Photo by Mikkel Bergmann on Unsplash
If the major supermarkets got together to agree the selling prices of their goods, that would be a cartel and would be referred to the Monopolies and Mergers Commission. If all the local plumbers colluded to set rates, we wouldn't allow it; we'd find someone else to do the job.

MPs already have two jobs: as constituency MPs and as legislators. It has long been my view that these functions should be separated. There is no reason why someone who listens to their constituents and helps to solve their problems should be a representative of a political party. It's a non partisan role. We should elect these people solely to perform that function; they should be independent of party and should have the constitutional right to meet Government Ministers to represent the views, issue and problems of the people of their areas. Being elected as a legislator, on the other hand, would follow the current practice. But we wouldn't need so many of them; just enough to populate Ministerial offices and their opposition counterparts, together with the membership of select committees. Given that the resulting fewer people involved - say 250 instead of the current 650 - would all be busy doing their legislative work, it would be legitimate to ban them taking second jobs.
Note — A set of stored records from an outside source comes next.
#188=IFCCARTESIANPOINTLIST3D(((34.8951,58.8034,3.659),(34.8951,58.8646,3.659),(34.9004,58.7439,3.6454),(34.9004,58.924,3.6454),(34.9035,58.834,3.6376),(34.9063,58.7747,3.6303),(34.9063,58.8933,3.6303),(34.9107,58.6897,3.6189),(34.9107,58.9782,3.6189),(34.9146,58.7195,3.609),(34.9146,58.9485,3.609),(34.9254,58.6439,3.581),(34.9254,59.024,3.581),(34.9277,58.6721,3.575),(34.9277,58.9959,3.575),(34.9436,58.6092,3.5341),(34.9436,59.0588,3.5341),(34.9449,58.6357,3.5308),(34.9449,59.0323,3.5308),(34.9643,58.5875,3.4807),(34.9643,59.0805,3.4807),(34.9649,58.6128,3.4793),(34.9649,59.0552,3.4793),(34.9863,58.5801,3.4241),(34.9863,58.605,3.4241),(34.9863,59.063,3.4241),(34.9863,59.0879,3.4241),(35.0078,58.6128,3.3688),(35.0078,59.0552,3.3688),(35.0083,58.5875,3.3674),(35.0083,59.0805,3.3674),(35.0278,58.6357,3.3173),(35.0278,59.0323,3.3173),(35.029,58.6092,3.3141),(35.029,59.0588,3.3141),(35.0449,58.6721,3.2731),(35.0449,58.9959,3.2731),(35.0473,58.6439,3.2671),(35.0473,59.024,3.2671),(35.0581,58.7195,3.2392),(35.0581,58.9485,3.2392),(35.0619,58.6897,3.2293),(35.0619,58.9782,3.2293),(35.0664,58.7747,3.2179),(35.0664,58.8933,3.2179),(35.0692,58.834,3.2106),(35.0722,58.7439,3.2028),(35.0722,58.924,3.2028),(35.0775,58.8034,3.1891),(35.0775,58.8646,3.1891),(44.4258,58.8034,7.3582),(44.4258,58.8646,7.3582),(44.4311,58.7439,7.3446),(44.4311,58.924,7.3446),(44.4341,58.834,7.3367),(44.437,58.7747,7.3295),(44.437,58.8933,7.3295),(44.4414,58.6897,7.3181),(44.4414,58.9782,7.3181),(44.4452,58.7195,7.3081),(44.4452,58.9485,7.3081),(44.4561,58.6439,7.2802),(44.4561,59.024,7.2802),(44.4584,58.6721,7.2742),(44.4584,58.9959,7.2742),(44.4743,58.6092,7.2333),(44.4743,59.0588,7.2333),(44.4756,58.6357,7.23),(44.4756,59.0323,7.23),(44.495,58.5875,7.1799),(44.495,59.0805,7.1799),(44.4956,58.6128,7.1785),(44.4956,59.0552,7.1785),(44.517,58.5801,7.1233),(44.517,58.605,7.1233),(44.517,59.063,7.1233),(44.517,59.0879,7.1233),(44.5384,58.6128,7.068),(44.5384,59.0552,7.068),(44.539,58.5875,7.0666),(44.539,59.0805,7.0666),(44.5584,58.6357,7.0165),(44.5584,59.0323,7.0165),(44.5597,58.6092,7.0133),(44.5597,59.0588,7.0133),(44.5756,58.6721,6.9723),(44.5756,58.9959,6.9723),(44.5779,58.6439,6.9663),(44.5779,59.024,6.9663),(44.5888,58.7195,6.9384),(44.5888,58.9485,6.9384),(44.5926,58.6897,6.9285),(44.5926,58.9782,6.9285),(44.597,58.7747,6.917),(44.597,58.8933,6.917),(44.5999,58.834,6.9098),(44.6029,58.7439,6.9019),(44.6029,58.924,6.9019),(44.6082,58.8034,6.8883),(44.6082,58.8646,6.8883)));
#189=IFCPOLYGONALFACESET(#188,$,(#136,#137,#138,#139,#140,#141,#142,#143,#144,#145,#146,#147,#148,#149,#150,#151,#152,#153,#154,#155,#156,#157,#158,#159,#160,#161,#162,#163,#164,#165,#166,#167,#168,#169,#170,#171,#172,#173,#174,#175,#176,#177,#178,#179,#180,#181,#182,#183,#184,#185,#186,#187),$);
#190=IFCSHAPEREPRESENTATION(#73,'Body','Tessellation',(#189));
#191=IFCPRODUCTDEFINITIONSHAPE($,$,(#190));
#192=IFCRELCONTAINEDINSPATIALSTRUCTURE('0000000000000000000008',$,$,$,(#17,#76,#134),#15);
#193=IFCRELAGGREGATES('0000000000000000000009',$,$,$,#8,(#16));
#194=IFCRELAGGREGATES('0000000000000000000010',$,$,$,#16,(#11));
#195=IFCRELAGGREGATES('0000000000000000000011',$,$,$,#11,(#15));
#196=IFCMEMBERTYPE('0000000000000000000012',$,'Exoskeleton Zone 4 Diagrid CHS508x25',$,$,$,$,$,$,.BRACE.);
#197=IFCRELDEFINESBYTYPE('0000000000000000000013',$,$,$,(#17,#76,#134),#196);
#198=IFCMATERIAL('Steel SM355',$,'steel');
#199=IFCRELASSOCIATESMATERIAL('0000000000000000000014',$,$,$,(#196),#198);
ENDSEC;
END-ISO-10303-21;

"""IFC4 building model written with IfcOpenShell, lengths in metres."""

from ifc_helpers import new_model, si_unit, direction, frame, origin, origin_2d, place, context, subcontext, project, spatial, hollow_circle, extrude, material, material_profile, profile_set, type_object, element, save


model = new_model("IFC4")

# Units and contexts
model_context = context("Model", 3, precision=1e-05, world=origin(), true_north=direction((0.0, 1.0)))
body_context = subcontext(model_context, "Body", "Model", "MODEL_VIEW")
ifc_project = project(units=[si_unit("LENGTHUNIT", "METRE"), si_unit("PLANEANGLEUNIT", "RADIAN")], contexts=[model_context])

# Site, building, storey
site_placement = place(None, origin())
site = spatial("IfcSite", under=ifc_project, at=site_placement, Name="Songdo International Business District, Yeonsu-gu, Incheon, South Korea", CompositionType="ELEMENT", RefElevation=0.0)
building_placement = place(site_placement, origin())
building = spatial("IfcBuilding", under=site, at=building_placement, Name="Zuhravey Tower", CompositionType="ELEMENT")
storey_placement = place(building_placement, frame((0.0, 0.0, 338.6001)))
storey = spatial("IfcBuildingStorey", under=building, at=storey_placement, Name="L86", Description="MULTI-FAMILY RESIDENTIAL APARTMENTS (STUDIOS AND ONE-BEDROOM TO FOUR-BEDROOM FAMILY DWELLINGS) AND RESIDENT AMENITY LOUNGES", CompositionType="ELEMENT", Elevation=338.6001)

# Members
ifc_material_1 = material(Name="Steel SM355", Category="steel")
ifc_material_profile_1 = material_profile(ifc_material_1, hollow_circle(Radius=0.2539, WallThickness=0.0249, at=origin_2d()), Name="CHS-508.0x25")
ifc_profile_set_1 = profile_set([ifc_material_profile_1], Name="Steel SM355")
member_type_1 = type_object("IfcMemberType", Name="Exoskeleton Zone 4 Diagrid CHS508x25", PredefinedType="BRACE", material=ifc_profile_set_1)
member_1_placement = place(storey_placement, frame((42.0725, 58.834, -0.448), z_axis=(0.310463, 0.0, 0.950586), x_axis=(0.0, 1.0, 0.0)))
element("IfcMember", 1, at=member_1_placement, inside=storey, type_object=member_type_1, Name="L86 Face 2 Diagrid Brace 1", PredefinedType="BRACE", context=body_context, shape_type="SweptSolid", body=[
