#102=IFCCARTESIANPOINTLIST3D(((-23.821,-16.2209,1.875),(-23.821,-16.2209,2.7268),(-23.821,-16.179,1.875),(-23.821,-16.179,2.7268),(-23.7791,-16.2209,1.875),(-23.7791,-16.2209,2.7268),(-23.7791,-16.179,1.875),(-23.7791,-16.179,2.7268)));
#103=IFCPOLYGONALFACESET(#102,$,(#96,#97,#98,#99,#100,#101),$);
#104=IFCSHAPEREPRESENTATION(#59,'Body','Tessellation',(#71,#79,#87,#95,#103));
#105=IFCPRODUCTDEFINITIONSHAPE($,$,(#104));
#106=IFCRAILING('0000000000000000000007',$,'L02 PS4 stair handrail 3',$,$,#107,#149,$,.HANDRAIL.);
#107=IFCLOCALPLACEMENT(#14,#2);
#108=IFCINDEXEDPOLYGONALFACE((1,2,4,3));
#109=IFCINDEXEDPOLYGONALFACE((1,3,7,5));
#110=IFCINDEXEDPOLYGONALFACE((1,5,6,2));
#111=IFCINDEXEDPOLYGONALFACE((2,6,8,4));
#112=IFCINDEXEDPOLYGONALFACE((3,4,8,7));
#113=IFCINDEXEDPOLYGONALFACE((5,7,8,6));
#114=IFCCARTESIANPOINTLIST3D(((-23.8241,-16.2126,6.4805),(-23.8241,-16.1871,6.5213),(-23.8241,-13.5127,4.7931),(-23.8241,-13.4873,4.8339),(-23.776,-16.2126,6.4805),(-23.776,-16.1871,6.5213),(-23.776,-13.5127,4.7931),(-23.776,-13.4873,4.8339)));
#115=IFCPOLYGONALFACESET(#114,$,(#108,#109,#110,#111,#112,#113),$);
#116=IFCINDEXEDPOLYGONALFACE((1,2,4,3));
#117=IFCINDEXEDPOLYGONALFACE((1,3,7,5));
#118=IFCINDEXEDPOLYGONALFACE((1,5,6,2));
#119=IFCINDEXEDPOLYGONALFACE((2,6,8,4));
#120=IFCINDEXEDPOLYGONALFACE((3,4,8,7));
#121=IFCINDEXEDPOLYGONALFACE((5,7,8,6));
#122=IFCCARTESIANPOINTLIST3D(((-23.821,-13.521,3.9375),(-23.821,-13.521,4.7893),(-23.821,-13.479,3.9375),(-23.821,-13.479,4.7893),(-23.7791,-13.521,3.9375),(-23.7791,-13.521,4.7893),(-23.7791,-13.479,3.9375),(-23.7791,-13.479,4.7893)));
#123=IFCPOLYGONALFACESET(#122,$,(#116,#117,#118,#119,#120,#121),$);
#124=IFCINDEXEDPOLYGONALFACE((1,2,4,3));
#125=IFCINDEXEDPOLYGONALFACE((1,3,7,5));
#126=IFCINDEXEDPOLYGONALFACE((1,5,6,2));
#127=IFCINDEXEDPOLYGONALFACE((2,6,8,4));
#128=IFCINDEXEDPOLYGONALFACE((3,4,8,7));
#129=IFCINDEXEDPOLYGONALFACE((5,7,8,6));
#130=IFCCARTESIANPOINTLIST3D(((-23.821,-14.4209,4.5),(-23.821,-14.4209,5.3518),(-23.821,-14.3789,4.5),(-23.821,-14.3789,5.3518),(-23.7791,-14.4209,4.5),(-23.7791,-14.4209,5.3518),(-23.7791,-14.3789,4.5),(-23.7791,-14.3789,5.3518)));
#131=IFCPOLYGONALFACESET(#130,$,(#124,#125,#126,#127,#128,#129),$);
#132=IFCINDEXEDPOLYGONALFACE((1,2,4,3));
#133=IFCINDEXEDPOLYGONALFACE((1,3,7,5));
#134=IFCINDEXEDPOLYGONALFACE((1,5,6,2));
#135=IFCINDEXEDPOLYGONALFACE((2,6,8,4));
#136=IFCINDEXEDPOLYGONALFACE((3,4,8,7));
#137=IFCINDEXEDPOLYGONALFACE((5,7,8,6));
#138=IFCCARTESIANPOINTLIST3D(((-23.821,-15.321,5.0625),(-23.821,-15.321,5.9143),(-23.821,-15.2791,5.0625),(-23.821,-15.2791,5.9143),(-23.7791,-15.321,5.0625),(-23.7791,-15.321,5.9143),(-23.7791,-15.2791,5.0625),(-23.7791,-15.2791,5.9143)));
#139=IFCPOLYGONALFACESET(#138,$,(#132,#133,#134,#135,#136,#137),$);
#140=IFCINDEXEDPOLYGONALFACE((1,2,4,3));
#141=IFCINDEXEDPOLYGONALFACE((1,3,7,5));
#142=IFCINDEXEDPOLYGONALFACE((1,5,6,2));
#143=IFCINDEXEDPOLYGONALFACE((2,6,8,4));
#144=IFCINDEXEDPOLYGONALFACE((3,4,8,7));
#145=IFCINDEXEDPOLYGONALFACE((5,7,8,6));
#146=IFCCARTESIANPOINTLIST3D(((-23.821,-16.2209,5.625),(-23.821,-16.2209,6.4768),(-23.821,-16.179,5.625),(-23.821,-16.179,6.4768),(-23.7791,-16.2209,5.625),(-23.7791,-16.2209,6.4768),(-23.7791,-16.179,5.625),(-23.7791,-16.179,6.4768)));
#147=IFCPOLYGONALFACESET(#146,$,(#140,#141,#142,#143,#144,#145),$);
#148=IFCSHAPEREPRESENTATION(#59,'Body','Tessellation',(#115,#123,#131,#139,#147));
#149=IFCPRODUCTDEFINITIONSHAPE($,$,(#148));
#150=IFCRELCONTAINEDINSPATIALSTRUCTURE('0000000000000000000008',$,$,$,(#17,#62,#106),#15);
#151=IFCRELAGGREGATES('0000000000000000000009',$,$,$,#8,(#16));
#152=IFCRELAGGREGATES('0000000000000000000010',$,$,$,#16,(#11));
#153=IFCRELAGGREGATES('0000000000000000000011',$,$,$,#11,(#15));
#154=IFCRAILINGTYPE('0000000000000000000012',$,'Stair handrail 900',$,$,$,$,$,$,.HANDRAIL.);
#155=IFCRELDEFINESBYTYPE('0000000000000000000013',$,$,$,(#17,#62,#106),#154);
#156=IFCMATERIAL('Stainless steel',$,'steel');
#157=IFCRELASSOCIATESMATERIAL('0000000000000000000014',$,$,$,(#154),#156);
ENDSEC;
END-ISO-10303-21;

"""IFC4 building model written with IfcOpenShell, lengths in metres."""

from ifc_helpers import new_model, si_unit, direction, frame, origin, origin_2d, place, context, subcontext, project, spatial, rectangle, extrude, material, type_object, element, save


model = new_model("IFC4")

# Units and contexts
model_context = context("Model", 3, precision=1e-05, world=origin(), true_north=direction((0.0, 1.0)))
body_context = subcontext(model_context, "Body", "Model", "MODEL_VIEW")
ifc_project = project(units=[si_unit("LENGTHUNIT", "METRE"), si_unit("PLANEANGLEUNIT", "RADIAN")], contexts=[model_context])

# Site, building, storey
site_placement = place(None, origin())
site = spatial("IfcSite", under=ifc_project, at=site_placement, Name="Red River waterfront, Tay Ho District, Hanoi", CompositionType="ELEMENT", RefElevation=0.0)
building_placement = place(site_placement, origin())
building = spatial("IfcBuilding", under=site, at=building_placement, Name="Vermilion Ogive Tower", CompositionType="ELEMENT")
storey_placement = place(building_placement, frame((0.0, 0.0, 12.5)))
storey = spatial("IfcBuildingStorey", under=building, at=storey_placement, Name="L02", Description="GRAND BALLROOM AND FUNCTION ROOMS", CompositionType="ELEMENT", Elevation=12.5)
One of the arguments about MPs (basic salary: £81,932 p.a.) having a second job is that some of those, for instance qualified doctors spending some time each week helping out the understaffed NHS, are more worthy than the obviously freeloading consultants, barristers and the like. I say No! If you want to be a doctor, be one and don't become an MP. One or the other. This is the 21st century, people!

If you say "only certain types of second jobs" or "yes but limited in some way" you create loopholes which will inevitably be used.

Another argument is that doing outside work makes you more rounded, better informed and more effective members of our political community. What, like the current lot? Yeah, that's working well.

"Lots of professional people wouldn't want to become MPs if they couldn't continue in their professions". Good riddance then.

So if MPs are too personally involved to be able to honestly vote on the question of second jobs, who should decide? We should. I'd go for a quick, binding referendum: "Should MPs have second jobs? Yes or No". If the answer is Yes, a supplementary referendum to determine the limits would be held and the results would be binding. We would need a Parliamentary Bill to:
  • Make the outcomes of such referendums binding
  • Allow supplementary referendums, dependent on the outcome of a primary referendum
  • Issue all households with a Referendum Voting Machine so that they could be held almost instantaneously
Cloud cuckoo land? In the USA, lots of states have referendums and various other instruments for citizens to decide on important issues. If we want to do it, we can do so. Get on with it!